Several subspecialties have integrated simulation-based training for technical and non-technical skills acquisition into the educational curricula. The driving force is patient safety, shorter learning curves, and improved efficiency. Implementing simulation into the curricula consists curriculum development and framework for design.3,4 The fundamental principles of curriculum development have been described as a six-step approach6 (figure 1). The steps are not linear but interactive.
Figure 1: Six-step approach to curriculum development in medical education.
Step 1: Problem Identification
What problem will your simulation address? To identify the problem, you need to define the current approach, then determine the ideal approach. The gap between the ideal and current approach becomes your problem. This step will ground the simulation curriculum and determine the needs of the learner.
Ideal Approach – Current Approach = Gap Analysis
Achieving competency in procedural skills is vital in interventional pain management. Assessing competency in procedural skills poses a unique challenge because it is difficult to standardize the measurement of procedural mastery. We currently lack an approach to assess different aspects of neuromodulation skills during fellowship training.
Step 2: Target Needs Assessment
This step is intended to define the role of the simulation training within the overall curriculum. Who is the learner? What do the learners need to know, and how will they learn this target? We realized that a majority of our pain fellows struggle with basic surgical skills at the start of fellowship training and decided to introduce a workshop to help develop foundational skills (figure 2) prior to real-life patient encounters.
Figure 2: Surgical skills workshop.
Step 3: Goals & Objectives
Develop general goals as well as specific measurable objectives that will direct the educational content of your simulation. Goals should be broad in nature and strategic. Ask yourself what is the overall purpose of your simulation?
To develop well-written objectives, many will use the SMART approach.7 Developing objectives requires a clear picture of the results expected from program activities. The more specific your objectives are, the easier it will be to demonstrate success. SMART is a mnemonic acronym with each letter giving criteria for setting objectives.
- Specific: The specific part of an objective tells us what will change and for whom it will change.
- Measurable: This implies the ability to quantify an activity or its results. A baseline measurement is required to document change (e.g., to measure percentage increase or decrease).
- Attainable/Achievable: The objective must be feasible with the available resources. For example, do you have the task trainer that is needed?
- Relevant: Relevant relates to the relationship between the objective and the overall goals of the program.
- Timebound: A specified, reasonable time frame should be incorporated into the objective statement.

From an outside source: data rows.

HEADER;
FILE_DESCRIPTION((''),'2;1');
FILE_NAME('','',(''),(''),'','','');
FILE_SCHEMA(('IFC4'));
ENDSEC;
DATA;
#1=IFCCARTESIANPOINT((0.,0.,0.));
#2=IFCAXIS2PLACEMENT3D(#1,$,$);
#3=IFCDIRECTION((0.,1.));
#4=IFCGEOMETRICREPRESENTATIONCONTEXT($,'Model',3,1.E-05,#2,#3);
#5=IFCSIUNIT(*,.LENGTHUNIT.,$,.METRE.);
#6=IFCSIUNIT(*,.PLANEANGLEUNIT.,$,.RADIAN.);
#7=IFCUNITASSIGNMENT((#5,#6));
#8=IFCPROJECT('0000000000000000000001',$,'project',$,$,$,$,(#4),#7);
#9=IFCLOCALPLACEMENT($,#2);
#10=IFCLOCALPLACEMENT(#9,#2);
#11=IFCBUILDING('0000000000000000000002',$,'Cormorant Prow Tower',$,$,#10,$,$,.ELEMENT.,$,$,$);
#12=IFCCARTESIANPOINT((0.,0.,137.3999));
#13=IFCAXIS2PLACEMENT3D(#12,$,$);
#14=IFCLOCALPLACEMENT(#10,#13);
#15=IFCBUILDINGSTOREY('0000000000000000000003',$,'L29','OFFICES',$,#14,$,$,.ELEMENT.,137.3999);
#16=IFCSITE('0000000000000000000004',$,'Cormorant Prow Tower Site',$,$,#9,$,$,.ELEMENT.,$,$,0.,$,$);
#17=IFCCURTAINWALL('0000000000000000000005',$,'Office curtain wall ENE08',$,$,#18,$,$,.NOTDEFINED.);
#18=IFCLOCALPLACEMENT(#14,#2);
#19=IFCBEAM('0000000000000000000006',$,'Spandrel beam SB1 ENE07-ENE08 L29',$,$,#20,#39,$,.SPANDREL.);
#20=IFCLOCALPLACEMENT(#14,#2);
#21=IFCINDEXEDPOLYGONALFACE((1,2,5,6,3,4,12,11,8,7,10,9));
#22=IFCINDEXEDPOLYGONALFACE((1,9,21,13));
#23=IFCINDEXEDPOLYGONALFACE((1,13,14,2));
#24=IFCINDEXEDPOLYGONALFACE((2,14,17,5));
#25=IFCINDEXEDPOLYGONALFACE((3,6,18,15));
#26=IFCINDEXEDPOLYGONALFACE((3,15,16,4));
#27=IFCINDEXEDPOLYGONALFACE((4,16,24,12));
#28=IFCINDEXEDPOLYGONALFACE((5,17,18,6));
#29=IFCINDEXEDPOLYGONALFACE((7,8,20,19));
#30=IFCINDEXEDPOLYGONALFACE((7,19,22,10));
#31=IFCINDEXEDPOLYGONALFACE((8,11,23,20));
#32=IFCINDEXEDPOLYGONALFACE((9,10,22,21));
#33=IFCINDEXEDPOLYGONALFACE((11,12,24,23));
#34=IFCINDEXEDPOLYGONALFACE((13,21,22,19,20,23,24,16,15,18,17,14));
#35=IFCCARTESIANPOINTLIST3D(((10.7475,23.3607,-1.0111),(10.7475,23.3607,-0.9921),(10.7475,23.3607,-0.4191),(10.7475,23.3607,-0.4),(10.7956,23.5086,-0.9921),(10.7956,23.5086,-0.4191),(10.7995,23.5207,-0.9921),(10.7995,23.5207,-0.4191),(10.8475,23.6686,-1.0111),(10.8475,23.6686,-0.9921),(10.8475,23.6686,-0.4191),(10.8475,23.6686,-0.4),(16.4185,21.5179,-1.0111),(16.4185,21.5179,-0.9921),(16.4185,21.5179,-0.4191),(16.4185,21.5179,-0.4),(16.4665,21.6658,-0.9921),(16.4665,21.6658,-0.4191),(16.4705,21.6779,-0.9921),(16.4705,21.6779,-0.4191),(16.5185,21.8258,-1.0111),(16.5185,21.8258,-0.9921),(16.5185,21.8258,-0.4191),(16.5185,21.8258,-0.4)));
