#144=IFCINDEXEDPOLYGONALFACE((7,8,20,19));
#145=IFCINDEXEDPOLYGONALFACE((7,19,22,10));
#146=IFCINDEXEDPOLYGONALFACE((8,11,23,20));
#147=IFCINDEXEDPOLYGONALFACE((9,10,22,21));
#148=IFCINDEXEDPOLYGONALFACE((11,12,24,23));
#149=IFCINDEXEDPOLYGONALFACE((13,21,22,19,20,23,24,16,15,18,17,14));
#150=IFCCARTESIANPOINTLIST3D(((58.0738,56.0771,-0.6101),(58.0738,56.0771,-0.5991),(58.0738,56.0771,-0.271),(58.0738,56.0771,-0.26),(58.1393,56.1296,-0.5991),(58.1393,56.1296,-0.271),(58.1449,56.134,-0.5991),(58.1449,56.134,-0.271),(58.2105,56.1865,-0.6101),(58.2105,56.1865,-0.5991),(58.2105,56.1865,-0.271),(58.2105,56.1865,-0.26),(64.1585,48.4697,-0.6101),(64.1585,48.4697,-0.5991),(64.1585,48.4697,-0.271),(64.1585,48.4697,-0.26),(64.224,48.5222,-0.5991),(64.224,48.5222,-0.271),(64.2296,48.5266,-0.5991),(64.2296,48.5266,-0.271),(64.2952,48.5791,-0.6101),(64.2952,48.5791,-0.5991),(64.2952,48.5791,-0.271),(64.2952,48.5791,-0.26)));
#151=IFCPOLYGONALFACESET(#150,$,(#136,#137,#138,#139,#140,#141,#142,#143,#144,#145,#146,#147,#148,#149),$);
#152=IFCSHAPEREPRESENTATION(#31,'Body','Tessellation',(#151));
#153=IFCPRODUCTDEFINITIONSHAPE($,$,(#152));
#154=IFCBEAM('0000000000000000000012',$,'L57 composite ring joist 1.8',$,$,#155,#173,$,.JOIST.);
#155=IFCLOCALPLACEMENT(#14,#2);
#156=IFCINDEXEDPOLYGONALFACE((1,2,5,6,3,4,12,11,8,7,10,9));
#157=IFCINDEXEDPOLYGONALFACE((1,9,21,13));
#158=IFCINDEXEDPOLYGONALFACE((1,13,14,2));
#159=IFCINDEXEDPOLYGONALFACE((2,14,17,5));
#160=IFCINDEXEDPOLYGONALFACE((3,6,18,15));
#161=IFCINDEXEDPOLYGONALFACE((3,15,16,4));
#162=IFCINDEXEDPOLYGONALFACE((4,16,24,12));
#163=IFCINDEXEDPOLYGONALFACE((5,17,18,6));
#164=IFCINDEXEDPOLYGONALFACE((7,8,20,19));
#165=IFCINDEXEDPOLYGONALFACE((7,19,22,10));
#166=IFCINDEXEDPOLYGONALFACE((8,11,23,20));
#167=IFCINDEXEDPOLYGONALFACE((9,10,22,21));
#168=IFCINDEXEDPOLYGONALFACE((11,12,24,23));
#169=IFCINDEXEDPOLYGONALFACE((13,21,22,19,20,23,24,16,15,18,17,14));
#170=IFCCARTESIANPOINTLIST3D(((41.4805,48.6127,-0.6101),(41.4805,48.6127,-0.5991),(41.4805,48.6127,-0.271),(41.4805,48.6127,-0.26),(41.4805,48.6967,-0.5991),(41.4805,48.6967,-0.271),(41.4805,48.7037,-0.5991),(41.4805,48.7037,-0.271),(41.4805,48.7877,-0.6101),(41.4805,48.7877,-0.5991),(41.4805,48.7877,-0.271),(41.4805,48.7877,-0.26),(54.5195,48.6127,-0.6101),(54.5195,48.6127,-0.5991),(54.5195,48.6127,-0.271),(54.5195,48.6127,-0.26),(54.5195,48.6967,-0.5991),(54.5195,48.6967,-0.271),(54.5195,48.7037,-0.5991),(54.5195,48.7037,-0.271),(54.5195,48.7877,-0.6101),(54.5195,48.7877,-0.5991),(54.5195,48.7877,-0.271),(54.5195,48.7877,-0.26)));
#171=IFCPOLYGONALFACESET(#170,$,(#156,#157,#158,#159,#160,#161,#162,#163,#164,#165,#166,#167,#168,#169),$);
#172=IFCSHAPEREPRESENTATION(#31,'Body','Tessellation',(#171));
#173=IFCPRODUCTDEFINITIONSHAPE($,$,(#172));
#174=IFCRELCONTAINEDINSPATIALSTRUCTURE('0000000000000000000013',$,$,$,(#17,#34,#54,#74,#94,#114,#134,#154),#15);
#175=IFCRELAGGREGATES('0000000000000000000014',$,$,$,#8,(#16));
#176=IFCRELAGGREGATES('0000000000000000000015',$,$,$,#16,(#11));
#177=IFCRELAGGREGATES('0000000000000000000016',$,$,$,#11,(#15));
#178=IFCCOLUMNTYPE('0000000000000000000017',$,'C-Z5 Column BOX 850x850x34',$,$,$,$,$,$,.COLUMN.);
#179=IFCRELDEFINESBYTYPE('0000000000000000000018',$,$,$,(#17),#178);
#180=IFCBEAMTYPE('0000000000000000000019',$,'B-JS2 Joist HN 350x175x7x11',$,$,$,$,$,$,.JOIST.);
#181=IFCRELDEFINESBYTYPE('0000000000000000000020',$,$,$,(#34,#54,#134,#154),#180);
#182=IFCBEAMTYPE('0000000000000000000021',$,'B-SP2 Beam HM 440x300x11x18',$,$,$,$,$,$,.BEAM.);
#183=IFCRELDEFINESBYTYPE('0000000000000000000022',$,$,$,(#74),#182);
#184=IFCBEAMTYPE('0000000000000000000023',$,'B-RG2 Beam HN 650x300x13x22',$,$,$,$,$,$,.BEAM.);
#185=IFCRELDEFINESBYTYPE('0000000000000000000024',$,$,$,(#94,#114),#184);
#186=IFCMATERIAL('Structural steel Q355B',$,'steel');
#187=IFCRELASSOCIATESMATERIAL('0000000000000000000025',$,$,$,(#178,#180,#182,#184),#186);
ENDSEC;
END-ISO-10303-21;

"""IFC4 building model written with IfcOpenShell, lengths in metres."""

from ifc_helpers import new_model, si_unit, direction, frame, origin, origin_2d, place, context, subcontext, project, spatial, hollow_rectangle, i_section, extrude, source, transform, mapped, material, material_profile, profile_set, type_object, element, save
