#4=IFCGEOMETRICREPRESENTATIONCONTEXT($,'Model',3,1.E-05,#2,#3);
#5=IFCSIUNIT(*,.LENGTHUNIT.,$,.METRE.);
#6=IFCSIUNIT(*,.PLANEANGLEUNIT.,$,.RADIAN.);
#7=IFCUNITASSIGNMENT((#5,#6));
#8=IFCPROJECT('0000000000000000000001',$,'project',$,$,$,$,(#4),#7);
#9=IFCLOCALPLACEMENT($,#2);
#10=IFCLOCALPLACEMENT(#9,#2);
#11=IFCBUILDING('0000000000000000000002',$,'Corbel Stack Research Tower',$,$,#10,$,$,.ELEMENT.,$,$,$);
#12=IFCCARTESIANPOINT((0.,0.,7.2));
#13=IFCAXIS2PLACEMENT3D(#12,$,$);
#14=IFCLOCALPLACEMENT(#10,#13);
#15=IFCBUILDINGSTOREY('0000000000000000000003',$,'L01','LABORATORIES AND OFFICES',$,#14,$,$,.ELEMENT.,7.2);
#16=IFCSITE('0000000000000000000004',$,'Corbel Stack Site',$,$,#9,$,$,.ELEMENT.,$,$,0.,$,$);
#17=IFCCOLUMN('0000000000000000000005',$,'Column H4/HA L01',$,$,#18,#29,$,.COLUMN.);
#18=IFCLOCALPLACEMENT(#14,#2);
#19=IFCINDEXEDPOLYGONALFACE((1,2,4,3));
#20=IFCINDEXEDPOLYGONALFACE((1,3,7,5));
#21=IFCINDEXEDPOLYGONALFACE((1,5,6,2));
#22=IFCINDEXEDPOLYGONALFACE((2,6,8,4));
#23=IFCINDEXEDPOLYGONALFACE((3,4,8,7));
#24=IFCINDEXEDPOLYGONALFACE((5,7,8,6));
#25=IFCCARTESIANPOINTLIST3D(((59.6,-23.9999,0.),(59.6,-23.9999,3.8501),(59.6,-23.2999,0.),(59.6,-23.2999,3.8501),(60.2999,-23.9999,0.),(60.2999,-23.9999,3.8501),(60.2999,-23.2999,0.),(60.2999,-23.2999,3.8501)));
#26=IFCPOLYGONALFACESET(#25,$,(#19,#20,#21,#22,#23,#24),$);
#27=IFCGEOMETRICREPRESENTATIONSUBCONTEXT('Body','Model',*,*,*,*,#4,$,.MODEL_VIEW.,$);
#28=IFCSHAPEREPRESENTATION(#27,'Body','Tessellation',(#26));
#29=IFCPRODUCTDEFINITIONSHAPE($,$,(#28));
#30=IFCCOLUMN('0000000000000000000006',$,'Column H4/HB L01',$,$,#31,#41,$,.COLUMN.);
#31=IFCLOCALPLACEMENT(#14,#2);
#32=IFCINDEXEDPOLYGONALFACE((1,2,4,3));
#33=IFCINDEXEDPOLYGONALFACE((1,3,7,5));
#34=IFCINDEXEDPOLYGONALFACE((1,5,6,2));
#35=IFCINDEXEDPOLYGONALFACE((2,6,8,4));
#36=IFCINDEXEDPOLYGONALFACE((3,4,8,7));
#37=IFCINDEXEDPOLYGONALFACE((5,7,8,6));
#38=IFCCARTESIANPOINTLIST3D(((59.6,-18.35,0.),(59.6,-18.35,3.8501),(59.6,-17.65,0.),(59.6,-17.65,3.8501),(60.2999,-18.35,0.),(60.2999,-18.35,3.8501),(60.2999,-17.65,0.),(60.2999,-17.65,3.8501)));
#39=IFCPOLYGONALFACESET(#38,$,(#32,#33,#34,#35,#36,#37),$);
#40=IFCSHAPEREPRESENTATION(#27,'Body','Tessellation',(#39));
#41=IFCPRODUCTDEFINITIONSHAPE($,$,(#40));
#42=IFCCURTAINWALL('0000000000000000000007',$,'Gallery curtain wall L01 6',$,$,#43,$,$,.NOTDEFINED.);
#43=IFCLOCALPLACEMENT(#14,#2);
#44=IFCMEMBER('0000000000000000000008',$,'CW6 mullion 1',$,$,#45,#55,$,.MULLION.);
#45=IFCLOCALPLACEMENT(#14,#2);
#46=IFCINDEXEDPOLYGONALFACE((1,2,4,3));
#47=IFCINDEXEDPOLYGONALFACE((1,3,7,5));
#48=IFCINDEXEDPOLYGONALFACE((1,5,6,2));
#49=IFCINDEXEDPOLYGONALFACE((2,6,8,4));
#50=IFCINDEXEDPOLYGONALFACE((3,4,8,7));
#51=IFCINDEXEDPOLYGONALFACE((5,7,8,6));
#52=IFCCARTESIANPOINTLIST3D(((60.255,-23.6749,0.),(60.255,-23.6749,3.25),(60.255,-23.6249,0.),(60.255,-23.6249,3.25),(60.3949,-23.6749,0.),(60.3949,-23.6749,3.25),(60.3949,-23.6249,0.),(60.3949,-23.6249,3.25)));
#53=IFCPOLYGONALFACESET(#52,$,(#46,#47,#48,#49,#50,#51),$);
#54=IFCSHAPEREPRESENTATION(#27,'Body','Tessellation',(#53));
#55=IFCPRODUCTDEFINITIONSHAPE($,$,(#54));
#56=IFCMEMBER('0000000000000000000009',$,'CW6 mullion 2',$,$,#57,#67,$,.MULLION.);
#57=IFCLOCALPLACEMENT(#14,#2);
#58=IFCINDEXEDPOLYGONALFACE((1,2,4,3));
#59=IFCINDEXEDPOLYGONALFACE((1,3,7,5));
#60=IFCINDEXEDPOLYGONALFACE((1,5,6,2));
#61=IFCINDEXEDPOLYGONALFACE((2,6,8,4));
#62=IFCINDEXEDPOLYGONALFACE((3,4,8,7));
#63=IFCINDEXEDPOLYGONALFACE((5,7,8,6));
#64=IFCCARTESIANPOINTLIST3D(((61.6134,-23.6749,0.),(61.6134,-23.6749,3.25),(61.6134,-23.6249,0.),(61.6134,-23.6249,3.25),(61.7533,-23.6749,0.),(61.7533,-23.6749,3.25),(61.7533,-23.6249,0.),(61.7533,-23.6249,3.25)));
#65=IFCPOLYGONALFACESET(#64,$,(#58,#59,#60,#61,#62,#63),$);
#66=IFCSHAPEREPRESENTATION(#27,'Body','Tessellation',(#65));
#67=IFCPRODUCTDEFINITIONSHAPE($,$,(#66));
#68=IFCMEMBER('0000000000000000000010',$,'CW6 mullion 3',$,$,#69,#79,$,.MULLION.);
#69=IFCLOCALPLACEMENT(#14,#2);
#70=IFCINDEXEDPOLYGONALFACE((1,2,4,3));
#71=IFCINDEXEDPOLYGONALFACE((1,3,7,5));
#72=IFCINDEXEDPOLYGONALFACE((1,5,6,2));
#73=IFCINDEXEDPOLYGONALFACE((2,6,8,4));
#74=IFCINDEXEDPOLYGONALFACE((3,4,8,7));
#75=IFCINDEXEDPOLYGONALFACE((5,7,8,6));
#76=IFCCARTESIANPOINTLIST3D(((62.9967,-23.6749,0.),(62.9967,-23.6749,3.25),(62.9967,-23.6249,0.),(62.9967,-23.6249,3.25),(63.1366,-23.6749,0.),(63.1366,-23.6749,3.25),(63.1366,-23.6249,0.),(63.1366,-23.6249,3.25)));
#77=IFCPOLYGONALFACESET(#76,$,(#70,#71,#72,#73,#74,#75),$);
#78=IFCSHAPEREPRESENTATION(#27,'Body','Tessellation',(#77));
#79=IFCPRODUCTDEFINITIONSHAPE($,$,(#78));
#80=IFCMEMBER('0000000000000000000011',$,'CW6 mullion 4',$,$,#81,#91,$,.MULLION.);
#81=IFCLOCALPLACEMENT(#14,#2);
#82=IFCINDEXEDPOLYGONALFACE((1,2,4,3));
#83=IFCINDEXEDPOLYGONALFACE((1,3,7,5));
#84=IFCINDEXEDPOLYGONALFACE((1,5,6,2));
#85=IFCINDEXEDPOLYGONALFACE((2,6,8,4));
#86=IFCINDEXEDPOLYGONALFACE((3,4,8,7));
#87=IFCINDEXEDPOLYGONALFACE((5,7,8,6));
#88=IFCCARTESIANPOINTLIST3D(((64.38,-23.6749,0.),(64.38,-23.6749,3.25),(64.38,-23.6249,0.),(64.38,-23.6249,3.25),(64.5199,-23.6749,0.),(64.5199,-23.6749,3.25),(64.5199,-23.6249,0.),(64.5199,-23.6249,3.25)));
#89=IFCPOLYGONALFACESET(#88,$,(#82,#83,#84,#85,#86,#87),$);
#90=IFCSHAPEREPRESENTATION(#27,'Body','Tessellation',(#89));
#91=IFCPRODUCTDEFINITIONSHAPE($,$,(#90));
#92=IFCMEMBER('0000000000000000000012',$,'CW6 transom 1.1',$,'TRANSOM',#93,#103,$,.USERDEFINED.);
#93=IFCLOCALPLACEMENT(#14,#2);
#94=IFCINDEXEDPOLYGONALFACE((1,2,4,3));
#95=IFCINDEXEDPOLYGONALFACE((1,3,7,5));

Goal: Develop basic surgical skills
- Learn the general types of instruments for basic surgical techniques.
- Learn the basic concepts fundamental to suture placement: simple running and interrupted sutures (subcuticular and buried).
Step 4: Educational Strategies
This step includes the content that will be taught and the educational method that will be used along with the faculty development strategies.
Content: Simulation curricula tend to use mastery learning, a competency-based learning, where training is personalized to learner’s ability and they continue to train until they reach 100% passing. The variable becomes the number of trials to reach 100%. It is important that we “teach errors” and how to identify, avoid, and remediate. Simulation is the only educational tool that provides “permission to fail” or “do harm” without injury to a real patient.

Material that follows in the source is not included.